I will probably put it up in the box I have all of my back sinew Which I use on arrows until I decide to make a new bow or just skin one of the 3 I have already made. The only question I have is that if I decide to skin one of my bows do I need to strip the finish off before skinning it or not.


----------



## Philbow (Sep 6, 2012)

I would remove the finish on a self bow, If it is a laminated bow I simply do not know.


----------



## bronco611 (Sep 6, 2012)

It is a board bow with rit dye and wipe on poly. Thanks for the info.


----------



## Buddy Darden (Sep 8, 2012)

I too have a snake skin to prepare.
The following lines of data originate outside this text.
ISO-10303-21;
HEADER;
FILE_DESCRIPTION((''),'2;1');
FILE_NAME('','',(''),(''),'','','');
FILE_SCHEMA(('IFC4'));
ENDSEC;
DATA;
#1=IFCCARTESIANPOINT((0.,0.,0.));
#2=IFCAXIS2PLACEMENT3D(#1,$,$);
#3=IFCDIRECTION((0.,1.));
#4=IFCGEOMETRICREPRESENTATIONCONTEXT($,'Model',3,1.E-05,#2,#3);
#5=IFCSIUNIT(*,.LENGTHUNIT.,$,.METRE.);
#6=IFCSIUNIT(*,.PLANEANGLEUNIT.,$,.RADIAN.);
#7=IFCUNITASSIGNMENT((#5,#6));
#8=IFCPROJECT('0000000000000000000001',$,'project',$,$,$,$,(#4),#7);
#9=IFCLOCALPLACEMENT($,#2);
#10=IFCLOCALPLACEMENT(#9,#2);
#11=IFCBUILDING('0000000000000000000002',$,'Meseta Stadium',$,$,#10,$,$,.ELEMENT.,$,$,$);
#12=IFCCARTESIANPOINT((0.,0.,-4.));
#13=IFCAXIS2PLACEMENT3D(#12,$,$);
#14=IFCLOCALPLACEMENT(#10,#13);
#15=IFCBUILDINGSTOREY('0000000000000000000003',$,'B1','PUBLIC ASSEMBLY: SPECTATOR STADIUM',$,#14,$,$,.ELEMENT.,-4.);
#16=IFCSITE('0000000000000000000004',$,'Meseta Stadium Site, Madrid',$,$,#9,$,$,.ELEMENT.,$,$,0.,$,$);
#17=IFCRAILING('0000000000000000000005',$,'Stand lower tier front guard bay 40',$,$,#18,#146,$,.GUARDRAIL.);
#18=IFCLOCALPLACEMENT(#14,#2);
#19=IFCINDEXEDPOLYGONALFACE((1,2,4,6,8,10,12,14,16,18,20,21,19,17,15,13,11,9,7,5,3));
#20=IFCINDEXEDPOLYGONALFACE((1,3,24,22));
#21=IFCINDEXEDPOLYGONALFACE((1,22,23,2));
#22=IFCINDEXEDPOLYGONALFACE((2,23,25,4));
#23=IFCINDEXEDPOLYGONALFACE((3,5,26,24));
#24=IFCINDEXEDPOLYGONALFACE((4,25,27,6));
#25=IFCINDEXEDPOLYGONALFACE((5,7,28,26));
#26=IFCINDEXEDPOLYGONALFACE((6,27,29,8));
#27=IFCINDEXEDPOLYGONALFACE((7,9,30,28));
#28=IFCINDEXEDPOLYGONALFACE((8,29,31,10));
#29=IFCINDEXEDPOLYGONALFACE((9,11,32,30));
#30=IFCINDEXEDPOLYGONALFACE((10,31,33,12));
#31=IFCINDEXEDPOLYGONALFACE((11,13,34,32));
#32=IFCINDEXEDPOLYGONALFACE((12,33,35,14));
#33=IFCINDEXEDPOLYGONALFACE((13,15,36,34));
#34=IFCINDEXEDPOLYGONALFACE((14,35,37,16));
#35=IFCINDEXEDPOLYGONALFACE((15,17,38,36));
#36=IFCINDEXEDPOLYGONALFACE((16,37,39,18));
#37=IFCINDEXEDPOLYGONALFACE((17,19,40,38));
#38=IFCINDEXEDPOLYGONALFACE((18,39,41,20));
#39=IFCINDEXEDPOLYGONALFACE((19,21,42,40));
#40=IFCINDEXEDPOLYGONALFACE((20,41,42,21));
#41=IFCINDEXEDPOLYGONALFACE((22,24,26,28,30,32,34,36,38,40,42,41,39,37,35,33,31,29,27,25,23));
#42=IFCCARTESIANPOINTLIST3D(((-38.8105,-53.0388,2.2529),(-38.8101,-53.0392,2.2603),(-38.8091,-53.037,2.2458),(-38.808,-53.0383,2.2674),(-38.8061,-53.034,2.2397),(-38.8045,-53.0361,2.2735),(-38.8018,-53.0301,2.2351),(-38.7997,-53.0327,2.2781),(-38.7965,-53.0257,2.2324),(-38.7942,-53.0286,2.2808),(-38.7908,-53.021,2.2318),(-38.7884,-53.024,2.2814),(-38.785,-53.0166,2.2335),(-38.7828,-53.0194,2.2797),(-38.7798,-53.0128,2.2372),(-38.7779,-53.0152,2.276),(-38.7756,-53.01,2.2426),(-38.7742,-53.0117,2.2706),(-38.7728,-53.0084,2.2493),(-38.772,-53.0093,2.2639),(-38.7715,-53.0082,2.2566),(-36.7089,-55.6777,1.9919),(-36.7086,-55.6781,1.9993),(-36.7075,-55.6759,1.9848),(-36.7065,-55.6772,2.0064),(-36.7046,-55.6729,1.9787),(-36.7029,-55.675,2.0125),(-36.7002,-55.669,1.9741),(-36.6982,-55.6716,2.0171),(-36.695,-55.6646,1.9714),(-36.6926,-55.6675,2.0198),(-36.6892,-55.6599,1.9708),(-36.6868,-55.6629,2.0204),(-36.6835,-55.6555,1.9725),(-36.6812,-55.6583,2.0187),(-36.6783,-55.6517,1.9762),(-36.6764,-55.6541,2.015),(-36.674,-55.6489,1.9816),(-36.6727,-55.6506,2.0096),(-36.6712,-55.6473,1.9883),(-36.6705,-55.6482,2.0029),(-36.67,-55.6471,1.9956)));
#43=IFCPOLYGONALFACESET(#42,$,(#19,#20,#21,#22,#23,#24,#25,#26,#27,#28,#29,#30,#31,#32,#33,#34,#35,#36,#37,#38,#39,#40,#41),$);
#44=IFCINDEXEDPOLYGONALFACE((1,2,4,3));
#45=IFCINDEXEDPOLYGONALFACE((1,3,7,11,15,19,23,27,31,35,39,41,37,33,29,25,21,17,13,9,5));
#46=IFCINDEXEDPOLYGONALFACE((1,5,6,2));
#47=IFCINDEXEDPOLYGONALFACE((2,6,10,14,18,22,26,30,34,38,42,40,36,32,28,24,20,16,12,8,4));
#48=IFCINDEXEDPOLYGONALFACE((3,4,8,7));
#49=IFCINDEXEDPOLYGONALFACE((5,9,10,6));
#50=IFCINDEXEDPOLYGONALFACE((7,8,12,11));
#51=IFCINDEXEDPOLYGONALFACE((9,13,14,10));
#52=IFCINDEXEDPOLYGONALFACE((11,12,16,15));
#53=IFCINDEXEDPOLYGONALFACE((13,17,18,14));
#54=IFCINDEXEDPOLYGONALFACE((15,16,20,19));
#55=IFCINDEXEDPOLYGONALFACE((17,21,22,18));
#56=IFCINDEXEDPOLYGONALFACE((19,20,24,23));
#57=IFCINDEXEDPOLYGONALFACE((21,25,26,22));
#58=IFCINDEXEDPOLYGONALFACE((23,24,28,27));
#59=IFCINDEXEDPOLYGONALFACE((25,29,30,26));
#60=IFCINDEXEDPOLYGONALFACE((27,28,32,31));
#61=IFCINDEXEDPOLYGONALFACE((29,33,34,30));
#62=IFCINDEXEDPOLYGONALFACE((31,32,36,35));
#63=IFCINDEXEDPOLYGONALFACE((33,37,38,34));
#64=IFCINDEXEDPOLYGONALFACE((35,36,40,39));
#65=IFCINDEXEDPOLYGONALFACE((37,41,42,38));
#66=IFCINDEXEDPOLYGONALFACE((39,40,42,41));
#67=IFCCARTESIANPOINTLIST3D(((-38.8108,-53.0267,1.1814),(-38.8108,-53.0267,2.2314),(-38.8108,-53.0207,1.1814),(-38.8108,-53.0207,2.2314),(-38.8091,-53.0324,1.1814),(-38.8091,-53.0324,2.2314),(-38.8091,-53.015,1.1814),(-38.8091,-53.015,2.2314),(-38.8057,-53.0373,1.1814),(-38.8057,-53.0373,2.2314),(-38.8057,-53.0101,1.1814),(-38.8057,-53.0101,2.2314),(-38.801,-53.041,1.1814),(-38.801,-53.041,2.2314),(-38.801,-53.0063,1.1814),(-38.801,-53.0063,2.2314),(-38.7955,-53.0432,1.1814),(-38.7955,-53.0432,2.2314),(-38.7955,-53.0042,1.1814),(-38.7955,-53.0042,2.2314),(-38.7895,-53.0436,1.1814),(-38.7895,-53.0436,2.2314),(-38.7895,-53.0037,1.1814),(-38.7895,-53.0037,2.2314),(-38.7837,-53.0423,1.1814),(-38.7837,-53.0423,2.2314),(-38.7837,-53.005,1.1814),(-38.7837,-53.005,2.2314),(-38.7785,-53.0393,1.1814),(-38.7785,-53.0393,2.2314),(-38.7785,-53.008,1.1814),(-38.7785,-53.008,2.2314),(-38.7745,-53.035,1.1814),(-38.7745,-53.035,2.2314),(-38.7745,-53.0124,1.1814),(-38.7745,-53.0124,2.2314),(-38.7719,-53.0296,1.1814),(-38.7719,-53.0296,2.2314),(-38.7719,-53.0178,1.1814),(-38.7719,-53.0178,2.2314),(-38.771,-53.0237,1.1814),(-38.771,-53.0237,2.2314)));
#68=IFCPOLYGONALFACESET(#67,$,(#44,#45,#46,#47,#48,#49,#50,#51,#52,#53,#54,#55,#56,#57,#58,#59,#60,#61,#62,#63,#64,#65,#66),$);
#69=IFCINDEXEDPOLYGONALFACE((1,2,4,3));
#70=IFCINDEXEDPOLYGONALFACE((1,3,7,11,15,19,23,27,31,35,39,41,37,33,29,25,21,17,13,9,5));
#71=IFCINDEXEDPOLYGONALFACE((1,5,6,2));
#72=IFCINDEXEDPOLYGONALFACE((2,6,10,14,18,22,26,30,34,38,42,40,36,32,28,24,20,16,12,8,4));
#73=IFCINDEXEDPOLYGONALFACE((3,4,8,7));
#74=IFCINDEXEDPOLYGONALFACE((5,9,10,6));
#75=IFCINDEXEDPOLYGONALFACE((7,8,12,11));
When you say dry it, do you put anything on the skin or just air dry.


----------



## NCHillbilly (Sep 8, 2012)

Just flesh it and air dry it. You don't want a tanned snakeskin for bow backing.


----------



## Tailfeather (Jul 30, 2013)

Bump....will drying the skin with borax or salt be ok for backing a hickory selfbow?  It'll be soaked prior to putting on the bow.


----------



## Philbow (Jul 30, 2013)

The skin on the bow in my avatar was a borax dried skin. I just made sure all the borax was dissolved (I think I used 3 water changes and soaked it overnight for the first wash).


----------